Точнее, он пришел на Лэнсдаун-креснт. Ключи от дома по-прежнему были у него в кармане, но хорошие манеры — и осторожность — требовали, чтобы он нажал на кнопку звонка. Сквозь дверь, наполовину стеклянную и украшенную замысловатыми стальными завитушками, смутно замаячила устрашающая фигура. Гай подумал было, что это Дорис — та, что не могла всходить по лестнице. Из-за больных коленей. Та, что боялась всех лестниц, ненавидела их — все без исключения.

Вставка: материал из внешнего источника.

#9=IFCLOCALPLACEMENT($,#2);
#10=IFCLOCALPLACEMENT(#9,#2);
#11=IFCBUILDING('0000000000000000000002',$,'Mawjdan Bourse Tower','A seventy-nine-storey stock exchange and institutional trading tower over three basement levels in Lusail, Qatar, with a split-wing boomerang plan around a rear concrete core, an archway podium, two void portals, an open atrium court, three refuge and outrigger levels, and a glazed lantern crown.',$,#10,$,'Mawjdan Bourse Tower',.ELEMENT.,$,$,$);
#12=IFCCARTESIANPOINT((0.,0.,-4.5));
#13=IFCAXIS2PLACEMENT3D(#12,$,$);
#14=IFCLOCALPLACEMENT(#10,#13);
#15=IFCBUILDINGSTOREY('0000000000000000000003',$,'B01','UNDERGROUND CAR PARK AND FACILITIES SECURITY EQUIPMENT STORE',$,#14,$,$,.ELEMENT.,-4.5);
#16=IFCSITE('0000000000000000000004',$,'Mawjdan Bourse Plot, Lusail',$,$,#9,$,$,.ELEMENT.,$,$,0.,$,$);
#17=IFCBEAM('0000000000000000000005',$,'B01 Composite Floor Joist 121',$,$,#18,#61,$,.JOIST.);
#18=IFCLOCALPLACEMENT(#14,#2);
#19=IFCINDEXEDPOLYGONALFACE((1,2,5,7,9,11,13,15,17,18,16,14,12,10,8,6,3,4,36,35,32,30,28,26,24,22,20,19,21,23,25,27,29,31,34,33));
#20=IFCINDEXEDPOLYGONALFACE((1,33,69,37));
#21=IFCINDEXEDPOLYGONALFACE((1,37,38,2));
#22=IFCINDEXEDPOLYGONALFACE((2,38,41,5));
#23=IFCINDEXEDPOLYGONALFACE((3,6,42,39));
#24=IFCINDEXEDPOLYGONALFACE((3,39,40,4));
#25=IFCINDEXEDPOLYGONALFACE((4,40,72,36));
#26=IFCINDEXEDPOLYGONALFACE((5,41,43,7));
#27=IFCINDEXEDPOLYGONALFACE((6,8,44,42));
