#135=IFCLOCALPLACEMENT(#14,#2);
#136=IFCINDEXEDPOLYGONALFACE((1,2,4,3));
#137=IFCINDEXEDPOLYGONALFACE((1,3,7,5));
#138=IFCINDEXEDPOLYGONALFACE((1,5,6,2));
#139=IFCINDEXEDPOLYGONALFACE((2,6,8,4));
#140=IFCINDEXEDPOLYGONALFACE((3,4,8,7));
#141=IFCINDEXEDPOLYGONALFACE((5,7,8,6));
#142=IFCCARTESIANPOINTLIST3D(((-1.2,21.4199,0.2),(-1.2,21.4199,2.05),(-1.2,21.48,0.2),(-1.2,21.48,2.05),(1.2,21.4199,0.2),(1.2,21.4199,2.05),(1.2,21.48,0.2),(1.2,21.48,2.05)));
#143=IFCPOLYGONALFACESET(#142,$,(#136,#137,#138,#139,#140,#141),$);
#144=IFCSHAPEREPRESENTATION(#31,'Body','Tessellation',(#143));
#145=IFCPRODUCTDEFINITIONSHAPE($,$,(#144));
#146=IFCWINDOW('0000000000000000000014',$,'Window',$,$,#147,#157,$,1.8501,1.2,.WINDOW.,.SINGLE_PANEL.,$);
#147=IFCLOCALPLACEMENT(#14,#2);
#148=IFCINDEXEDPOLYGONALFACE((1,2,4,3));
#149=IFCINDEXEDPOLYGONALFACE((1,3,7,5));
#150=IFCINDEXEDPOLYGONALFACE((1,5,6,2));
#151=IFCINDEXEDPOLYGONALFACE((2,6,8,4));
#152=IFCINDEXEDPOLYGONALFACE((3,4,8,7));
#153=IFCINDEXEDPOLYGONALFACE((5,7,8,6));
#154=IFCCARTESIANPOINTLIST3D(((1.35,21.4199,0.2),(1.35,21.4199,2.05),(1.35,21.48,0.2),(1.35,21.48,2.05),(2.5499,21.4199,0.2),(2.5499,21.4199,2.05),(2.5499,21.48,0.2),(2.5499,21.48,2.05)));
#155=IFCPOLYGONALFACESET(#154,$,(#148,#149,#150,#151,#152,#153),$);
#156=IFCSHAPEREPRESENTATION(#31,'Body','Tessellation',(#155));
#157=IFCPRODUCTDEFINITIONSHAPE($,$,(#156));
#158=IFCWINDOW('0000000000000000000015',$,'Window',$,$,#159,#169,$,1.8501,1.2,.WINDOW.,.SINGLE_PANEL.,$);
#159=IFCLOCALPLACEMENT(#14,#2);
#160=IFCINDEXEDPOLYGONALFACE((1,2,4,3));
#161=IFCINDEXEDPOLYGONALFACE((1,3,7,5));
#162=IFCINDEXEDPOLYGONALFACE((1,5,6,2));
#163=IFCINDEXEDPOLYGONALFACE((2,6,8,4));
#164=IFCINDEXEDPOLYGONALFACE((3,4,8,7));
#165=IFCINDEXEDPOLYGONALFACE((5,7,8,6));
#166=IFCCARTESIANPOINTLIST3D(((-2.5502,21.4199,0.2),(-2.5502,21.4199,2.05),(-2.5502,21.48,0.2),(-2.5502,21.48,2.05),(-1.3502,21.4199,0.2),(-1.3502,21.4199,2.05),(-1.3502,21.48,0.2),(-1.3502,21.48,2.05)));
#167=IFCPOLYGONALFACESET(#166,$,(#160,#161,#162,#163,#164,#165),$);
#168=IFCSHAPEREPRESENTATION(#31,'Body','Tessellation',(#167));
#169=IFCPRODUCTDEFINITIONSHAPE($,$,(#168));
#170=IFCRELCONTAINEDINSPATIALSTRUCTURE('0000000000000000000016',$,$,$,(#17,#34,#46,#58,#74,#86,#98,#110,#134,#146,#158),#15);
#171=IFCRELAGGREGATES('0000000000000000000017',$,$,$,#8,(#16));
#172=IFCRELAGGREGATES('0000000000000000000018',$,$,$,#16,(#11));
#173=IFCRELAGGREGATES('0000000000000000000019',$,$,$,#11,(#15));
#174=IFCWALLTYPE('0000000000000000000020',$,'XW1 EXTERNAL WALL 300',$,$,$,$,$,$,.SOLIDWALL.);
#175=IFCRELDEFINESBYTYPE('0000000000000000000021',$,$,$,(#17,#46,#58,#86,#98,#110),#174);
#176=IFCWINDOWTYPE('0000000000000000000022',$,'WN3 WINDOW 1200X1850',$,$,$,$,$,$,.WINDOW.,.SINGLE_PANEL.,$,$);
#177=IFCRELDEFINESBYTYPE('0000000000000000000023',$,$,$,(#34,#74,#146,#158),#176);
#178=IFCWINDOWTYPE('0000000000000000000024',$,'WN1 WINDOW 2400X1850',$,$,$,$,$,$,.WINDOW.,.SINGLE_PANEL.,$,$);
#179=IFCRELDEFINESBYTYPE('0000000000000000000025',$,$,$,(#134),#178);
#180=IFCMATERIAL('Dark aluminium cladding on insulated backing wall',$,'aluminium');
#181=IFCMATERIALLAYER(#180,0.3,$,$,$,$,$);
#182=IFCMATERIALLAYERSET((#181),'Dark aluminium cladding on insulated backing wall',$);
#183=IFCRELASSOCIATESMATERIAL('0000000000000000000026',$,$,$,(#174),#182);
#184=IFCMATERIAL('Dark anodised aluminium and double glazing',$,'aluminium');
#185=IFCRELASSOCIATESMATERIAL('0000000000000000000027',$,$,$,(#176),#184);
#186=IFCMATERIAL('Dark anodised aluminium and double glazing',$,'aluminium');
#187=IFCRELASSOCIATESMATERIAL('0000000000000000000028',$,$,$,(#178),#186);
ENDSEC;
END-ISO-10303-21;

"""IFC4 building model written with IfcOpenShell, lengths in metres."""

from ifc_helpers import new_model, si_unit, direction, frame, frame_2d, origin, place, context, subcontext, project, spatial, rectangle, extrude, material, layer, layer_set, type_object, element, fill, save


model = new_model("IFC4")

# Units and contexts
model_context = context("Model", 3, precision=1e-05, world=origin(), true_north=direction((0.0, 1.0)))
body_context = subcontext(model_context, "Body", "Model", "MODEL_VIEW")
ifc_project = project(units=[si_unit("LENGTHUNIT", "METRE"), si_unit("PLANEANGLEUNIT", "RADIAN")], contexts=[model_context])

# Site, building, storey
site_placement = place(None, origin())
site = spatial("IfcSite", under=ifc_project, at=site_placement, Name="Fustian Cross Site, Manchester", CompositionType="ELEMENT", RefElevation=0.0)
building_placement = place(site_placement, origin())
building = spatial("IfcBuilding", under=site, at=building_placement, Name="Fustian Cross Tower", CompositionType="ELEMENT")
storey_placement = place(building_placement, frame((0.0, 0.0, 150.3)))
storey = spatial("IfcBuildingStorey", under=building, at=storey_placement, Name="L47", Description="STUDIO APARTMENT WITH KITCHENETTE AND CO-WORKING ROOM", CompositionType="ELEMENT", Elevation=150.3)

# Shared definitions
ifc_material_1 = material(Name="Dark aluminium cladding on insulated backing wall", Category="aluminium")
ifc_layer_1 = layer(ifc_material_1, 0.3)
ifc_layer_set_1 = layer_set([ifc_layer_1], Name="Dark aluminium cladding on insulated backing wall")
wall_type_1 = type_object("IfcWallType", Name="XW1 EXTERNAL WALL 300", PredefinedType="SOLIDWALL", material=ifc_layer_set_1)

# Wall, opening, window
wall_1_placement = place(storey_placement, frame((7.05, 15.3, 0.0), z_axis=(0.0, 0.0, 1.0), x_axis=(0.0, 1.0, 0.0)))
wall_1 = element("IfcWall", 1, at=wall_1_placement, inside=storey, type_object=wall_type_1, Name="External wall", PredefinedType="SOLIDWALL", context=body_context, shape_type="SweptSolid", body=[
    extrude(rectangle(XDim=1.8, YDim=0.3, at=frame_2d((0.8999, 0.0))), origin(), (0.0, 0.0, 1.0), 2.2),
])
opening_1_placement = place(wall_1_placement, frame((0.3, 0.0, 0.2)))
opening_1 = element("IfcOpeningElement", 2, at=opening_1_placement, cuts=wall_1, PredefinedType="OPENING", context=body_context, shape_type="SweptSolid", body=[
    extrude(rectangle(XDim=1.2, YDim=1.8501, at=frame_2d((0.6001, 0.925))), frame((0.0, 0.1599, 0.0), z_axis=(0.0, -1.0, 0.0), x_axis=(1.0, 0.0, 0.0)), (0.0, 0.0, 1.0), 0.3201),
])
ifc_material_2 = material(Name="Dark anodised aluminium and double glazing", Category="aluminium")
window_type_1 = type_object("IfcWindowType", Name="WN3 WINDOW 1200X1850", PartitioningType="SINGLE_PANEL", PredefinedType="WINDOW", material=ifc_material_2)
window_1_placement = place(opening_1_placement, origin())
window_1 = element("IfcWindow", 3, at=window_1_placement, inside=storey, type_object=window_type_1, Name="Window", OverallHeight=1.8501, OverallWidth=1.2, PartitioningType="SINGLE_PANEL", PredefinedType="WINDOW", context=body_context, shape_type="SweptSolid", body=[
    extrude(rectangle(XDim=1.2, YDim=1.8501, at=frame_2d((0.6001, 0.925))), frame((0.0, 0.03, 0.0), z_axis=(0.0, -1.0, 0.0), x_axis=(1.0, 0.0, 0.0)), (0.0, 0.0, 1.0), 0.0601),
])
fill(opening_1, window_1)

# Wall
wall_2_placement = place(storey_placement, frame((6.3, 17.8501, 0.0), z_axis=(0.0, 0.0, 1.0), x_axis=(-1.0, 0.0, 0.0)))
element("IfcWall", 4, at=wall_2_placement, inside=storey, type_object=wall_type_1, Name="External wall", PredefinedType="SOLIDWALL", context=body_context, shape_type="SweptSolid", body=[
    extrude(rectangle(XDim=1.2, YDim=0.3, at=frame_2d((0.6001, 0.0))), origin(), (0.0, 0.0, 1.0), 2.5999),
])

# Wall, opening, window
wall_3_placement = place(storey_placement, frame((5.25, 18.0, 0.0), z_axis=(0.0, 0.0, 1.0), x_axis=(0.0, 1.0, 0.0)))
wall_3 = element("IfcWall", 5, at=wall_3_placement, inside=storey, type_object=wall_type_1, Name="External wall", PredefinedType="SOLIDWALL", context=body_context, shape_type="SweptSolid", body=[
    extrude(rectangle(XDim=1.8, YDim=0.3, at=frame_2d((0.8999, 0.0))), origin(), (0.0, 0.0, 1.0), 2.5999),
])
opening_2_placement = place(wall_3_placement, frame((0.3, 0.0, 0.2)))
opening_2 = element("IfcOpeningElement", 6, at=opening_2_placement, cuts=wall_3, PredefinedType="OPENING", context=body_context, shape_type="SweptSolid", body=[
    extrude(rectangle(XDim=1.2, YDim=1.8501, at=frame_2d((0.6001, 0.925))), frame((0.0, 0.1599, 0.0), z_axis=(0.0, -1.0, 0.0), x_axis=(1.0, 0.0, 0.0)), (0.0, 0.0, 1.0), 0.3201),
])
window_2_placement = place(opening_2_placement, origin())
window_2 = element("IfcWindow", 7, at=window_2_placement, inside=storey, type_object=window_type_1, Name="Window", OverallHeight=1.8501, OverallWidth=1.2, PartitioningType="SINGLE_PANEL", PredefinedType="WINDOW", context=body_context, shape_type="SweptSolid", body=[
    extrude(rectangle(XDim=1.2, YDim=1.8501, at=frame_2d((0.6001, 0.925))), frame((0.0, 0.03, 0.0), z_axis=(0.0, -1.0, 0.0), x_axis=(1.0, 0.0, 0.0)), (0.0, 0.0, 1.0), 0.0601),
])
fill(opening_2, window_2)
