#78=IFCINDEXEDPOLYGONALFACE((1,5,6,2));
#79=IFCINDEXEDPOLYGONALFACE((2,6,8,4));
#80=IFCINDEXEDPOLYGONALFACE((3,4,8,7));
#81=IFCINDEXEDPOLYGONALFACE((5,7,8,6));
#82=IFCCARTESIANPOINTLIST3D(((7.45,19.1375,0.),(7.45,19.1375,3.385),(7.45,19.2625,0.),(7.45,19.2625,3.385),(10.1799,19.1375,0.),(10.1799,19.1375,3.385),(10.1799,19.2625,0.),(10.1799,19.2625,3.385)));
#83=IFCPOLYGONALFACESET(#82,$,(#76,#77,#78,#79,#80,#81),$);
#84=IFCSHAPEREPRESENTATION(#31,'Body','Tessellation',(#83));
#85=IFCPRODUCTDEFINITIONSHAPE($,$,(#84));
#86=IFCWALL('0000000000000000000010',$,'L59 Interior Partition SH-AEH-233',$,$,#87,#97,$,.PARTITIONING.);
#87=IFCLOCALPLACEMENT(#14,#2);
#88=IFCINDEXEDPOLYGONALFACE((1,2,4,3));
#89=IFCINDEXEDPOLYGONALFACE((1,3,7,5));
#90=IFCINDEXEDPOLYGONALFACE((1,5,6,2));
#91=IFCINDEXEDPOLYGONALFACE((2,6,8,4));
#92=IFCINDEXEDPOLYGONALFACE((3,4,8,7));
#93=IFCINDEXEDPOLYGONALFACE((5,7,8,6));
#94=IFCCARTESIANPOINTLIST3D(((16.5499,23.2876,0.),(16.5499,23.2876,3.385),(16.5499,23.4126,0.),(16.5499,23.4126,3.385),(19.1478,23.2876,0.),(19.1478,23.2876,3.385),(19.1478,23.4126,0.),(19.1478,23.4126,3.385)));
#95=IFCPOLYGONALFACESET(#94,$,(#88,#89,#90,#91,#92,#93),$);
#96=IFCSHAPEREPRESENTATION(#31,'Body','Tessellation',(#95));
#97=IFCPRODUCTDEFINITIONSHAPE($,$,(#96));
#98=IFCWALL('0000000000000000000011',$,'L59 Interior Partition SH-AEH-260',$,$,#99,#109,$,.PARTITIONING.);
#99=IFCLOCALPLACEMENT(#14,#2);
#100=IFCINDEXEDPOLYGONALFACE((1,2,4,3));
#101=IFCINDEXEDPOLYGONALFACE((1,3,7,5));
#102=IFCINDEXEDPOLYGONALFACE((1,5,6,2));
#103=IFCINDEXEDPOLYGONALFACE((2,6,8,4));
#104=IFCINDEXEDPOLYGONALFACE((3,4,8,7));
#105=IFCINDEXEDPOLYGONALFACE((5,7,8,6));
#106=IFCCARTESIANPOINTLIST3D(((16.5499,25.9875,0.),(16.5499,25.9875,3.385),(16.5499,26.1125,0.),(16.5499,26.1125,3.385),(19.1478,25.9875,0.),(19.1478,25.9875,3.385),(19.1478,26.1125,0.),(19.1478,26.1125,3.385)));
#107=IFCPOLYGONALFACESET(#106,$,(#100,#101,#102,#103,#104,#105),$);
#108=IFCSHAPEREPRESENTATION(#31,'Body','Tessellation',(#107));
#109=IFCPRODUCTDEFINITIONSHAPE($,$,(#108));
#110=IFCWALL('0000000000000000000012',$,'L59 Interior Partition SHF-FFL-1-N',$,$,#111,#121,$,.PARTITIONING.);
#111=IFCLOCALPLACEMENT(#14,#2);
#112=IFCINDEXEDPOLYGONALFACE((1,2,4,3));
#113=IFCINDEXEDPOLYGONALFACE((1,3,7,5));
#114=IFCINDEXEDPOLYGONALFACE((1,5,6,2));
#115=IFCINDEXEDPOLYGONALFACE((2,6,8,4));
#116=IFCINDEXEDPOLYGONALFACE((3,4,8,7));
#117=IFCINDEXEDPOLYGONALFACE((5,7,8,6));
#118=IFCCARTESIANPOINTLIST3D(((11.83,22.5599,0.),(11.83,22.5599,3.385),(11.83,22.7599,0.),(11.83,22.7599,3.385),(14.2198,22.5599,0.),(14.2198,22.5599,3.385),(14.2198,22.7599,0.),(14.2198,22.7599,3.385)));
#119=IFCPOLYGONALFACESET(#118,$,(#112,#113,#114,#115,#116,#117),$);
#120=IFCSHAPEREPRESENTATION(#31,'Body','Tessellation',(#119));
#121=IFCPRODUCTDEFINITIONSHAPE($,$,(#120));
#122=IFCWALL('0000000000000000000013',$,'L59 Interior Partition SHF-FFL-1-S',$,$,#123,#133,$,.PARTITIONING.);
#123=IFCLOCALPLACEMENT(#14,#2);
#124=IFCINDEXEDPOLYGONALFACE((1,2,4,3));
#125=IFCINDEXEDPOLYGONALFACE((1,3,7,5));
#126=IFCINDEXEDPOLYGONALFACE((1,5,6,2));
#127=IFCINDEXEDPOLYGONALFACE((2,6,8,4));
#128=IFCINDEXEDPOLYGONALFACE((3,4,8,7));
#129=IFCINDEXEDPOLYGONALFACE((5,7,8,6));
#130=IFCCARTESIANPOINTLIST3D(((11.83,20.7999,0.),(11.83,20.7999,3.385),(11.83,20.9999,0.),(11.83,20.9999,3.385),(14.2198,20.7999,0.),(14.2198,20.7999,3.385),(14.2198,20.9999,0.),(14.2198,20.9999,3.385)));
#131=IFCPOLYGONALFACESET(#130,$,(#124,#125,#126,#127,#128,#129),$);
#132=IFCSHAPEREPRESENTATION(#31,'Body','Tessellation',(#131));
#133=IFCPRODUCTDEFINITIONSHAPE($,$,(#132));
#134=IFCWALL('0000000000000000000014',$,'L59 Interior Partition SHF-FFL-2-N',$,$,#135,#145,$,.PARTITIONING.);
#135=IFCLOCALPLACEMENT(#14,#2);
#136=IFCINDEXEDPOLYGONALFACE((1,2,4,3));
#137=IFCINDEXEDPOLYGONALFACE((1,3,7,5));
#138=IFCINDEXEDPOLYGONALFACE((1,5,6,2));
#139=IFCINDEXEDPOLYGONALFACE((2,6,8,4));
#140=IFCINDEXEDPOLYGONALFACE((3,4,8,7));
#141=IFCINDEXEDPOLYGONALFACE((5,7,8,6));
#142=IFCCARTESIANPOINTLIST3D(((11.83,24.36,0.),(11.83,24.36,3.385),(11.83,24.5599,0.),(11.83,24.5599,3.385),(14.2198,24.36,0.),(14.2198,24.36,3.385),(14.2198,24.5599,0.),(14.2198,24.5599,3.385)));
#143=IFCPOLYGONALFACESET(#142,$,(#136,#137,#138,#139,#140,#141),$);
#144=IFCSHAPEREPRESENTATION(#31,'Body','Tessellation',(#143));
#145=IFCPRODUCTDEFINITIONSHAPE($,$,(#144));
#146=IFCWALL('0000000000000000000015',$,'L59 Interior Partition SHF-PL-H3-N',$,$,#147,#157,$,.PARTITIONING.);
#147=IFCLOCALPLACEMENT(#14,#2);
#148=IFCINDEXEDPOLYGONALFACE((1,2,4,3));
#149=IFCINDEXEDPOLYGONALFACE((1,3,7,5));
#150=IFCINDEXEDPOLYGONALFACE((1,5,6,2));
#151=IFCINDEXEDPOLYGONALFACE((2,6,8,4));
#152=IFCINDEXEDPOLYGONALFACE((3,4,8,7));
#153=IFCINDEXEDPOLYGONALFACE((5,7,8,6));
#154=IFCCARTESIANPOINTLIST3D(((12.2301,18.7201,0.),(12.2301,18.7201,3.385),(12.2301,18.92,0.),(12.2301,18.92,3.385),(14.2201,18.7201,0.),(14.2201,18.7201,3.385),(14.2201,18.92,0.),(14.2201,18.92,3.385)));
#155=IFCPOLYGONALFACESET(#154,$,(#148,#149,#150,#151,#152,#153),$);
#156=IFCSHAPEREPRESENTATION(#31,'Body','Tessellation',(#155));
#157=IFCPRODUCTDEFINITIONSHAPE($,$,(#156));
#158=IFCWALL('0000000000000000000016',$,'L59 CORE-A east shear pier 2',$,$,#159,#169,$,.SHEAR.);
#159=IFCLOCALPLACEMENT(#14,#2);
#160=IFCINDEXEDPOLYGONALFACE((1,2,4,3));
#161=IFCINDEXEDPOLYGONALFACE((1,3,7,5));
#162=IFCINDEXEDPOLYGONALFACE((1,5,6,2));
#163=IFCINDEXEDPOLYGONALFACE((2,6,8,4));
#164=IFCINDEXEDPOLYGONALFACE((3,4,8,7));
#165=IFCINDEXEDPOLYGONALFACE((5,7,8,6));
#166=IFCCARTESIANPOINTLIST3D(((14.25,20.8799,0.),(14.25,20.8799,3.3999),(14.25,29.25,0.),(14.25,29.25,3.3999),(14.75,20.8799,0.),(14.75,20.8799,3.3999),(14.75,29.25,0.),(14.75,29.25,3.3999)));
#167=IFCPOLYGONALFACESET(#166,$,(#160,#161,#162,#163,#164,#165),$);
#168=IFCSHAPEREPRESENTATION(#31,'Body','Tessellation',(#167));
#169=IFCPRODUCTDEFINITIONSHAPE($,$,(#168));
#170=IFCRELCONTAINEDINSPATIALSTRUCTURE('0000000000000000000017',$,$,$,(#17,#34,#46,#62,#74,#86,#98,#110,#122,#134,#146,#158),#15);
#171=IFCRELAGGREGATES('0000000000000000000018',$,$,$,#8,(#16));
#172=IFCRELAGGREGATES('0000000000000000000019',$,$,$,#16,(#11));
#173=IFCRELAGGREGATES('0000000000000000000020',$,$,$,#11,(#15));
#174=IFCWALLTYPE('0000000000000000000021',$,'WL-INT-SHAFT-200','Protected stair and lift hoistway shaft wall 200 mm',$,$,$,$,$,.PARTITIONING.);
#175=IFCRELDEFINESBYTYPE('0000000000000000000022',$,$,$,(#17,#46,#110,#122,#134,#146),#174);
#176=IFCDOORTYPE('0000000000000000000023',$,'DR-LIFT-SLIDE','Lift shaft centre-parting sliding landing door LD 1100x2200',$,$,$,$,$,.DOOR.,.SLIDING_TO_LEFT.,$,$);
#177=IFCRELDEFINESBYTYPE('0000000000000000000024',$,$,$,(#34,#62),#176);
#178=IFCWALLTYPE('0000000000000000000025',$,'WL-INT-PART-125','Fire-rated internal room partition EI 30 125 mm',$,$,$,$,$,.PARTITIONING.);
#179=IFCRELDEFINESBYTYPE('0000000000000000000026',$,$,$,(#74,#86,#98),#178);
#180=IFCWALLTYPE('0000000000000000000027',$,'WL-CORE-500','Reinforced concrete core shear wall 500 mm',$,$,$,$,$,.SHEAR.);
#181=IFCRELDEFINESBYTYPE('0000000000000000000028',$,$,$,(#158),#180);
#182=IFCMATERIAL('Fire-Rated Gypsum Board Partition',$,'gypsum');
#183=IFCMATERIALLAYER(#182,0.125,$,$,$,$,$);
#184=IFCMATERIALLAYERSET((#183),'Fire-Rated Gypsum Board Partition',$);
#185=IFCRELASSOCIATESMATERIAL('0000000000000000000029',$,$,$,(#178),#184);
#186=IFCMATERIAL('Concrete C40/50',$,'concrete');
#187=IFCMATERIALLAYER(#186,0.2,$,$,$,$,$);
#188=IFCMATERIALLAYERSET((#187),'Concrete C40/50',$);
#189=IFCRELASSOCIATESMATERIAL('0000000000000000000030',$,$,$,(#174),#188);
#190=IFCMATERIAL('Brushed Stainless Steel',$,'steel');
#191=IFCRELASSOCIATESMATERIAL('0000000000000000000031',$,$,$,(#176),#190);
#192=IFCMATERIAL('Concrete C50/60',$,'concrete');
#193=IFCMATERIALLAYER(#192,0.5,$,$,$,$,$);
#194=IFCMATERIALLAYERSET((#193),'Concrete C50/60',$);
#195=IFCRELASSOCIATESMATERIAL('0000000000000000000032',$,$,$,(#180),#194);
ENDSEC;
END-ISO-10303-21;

Дверь открылась. Оказалось, что за ней была Лиззибу. Он уставился на нее, не в силах отвести глаза. И не мог не вспомнить о виденном им сегодня гелиевом дирижабле, грузно нависшем над четвертым терминалом.

— Ну не чудесно ли? Не чудесно ли?

В голосе ее звучала радость. И Гай, слушая ее, ясно увидел другую Лиззибу, ту, которую он любил около месяца, ту, которую целовал и к которой прикасался среди трепещущего фарфора. Другая Лиззибу по-прежнему была цела, она просто пряталась где-то внутри этой, а сейчас могла без опаски выбраться наружу.

— Ну вот, теперь все опять в порядке.

Гаю, конечно, от этого не было ни холодно ни жарко, потому что она имела в виду всего лишь планету в целом.

— Как Хоуп? Мальчик?

— Да ты бы лучше прошел наверх.

Он прошел наверх. Когда на верхней площадке он свернул за угол, его смутил некий силуэт в коридоре, возле двери в спальню. В застывших его очертаниях было нечто наставительное, ритуальное, церемонное. Приблизившись, он увидел, что это маленький мальчик — в полном рыцарском снаряжении.

— Кто там? — донесся голос. — Это ты, дорогой?

Гай собирался выдать благодарную реплику, но мальчик ответил быстрее.

— Здесь мужчина, — сказал он.

— Что за мужчина?

— …Папа.

Мармадюк с некоторой официальностью отступил в сторону, и Гай вошел в спальню. Мальчик последовал за ним, а затем спокойно прошел мимо отца к постели, на которой возлежала Хоуп, с целой кучей подушек под головой.

— А куда все подевались? — спросил Гай, потому что весь дом был сверхъестественно пустынен.

— Все уволены. Они больше не нужны. Он теперь совсем другой.

— Что случилось?

— Это было совершенно неожиданно. На следующий день.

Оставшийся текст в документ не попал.